Life
truly is a series of ups and downs!
On the one hand I am fighting off a
sore throat and a bubbling cold and I am using up paper handkerchiefs as if I
had not a care in the world about the vanishing forests; on the other hand I
picked up a cheap pair of reading glasses to my prescription with built in mini lights! They look chunky and reasonably hideous, but
they do work and they have built in mini lights! And owning them gives me a pleasure out of
all proportion to the few euros they cost.
It doesn’t stop my nose running of course, but it gives me something
else to think about.
And, of course, I am using the
glasses to play around with my new mobile phone. This Chinese model, a Mi Max made by the
international company Xiami – which I had never heard of until Toni discovered
it as part of his survey to find a replacement for the exploding Note 7 that I
had pre-ordered. Trust me to pin my
techhie hopes on a device which became world famous for exploding via its
battery! My new phone is more of a phablet
than a mobile, but I have got used to the new size and, more importantly, it
fits in my pocket.
I am not convinced that I have
managed to transfer all of my aps and files and photos and music; at least with
Kindle all my books are in a library that can be accessed via the app. The transfer of the contacts was a nightmare,
mainly because I had not saved the things to my sim card. I have no idea how the contacts finally got
onto my new phone, I went to bed early to nurse my cold and sulk because things
were not working out and, as usual, Toni then Did His Thing and managed to find
the contacts, pack them up (electronically) and rehouse them in my new phone.
Music has been transferred
somehow. Why does iTunes made it so
difficult to enjoy what is yours!
Individual tracks are now on the machine, but they do not seem to exist
in albums and asking the program to list them via artist caused the phone to go
into an interminable period of ‘wait a sec’ which is the irritatingly false
message for ‘nothing is going to happen’ on this phone. However, I am enjoying the process of
rediscovering elements of my past mobile phone and making them new, or at least
given them a new context. It is
surprising how unsettling slight differences in the typeface or presentation of
what were familiar apps can be.
Something to get used to.
I feel like adding, ‘before I get
bored with it and lust after another one.

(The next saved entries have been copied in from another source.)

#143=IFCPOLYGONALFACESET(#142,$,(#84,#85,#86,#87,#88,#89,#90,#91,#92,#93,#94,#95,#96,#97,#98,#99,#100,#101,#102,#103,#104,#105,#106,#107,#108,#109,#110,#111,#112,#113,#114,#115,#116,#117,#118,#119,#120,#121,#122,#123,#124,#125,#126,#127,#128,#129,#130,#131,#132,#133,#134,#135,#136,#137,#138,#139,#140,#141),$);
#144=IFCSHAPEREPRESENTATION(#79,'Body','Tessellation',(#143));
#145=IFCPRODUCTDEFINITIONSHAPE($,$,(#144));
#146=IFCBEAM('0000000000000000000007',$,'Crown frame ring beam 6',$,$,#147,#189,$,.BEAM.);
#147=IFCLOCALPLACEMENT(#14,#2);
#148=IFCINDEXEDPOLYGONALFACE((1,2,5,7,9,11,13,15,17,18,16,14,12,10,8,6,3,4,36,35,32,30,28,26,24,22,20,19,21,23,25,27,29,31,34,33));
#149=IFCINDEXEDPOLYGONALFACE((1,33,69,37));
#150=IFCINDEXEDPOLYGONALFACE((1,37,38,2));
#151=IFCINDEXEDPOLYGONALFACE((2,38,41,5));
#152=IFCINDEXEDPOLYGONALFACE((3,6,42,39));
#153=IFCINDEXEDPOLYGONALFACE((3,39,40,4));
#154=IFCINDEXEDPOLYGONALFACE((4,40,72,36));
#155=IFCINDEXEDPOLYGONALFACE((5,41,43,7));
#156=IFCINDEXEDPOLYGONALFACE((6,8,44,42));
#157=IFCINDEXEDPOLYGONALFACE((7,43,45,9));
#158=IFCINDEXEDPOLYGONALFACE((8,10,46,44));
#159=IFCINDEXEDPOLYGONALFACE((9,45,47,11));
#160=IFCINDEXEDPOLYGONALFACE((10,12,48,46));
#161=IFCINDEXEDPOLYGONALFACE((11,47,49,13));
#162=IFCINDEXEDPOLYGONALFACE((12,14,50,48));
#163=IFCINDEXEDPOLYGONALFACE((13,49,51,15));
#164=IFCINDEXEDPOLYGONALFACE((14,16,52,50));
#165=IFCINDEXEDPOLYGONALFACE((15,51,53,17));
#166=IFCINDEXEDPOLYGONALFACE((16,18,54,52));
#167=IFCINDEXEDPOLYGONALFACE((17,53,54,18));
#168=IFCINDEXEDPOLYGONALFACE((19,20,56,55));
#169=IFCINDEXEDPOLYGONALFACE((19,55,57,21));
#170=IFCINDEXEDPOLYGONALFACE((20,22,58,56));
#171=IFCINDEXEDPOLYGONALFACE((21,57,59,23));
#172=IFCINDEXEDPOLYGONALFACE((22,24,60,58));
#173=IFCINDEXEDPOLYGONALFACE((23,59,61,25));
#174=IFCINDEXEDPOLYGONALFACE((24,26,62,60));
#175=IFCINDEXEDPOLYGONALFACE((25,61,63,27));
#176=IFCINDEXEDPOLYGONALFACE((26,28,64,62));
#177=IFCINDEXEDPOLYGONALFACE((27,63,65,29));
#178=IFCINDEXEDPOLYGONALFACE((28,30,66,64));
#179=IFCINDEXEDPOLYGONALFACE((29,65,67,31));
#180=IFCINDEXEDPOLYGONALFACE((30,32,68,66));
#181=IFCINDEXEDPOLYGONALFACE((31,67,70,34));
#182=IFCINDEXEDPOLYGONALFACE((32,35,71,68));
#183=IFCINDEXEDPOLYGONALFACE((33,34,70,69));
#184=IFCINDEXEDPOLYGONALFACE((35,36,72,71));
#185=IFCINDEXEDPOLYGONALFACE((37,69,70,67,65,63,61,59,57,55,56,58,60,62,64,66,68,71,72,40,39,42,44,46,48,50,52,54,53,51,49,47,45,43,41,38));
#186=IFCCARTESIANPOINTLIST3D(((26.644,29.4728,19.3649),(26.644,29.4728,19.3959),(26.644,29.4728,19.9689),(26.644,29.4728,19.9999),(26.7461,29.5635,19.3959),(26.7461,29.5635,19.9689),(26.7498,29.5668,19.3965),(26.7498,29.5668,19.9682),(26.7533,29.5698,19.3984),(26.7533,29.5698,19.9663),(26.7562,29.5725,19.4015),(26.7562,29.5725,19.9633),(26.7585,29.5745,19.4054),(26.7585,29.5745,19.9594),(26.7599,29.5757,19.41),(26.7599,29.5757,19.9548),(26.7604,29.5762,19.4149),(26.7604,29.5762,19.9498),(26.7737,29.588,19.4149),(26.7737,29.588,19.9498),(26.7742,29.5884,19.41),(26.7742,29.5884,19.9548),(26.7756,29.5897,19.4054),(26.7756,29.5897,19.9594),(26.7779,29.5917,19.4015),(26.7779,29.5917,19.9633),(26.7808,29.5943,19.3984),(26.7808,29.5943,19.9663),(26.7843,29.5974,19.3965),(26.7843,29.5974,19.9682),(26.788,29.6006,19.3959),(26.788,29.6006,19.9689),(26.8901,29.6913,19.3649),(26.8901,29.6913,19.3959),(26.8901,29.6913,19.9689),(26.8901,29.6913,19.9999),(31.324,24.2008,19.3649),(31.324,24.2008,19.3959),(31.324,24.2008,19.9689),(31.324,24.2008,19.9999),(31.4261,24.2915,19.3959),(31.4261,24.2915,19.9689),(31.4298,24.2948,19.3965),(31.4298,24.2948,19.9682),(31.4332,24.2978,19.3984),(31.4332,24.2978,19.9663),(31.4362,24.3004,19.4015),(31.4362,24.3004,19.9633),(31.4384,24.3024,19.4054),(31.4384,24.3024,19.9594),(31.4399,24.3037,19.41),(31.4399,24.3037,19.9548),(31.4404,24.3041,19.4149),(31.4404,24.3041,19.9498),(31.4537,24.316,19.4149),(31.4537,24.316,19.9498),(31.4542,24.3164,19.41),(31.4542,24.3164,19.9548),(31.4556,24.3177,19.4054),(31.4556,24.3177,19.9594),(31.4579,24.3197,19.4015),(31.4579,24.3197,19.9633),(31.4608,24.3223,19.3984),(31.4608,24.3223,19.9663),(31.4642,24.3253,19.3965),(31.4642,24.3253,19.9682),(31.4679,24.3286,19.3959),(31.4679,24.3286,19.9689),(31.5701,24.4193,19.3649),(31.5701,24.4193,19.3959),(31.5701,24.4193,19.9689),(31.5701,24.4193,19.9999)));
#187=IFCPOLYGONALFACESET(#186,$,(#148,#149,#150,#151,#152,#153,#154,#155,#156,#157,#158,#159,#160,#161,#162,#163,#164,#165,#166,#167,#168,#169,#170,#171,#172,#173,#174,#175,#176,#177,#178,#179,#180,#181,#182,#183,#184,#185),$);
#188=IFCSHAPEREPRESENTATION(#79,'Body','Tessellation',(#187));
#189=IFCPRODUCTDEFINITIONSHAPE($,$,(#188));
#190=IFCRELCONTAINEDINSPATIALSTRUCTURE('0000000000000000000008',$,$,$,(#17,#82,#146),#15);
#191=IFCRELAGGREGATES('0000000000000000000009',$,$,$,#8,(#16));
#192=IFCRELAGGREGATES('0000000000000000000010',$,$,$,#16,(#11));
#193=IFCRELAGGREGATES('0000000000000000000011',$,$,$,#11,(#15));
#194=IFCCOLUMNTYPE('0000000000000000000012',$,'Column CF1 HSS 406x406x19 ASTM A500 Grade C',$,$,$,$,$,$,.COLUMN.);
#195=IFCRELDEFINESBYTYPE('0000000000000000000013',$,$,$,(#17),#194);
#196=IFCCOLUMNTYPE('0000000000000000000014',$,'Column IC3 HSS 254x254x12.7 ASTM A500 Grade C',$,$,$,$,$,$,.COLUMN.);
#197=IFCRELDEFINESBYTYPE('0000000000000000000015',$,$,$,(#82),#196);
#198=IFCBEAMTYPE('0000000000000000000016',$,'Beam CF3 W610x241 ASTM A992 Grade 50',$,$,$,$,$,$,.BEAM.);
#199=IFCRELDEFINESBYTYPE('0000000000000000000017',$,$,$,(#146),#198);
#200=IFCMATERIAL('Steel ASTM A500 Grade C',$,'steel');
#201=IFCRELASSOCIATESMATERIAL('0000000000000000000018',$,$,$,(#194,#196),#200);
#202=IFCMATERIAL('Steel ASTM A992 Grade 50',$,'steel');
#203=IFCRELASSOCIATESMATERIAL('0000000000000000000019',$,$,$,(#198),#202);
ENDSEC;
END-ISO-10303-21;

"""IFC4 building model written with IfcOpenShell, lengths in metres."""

At present, having owned my new phone for a period of less than a week,
the candidate to supplant it in my affections looks like being the new Kodak
phone. It is perhaps ironic that Kodak
(the company than invented digital photo taking) is returning to the fray with
a phone that looks like a squashed version of a dated ‘real’ phone – I rather
like the post-modern take and it is supposed to be the photographers
phone. It has been displayed, but not
yet issued. I shall be keeping a wary
eye on the reviews – and wondering how to convince Toni that the extra expense
can, in any way, be worth it!
When, I ask myself, has any expense
on tech ever been truly wasted. I am
also ignoring the hours of futile exasperation spent in front of an
unresponsive computer screen or typed on a keyboard that stubbornly refused to
recognise any of my increasingly desperate key thumps. If nothing else frustration nowadays is at a
higher level of technological achievement!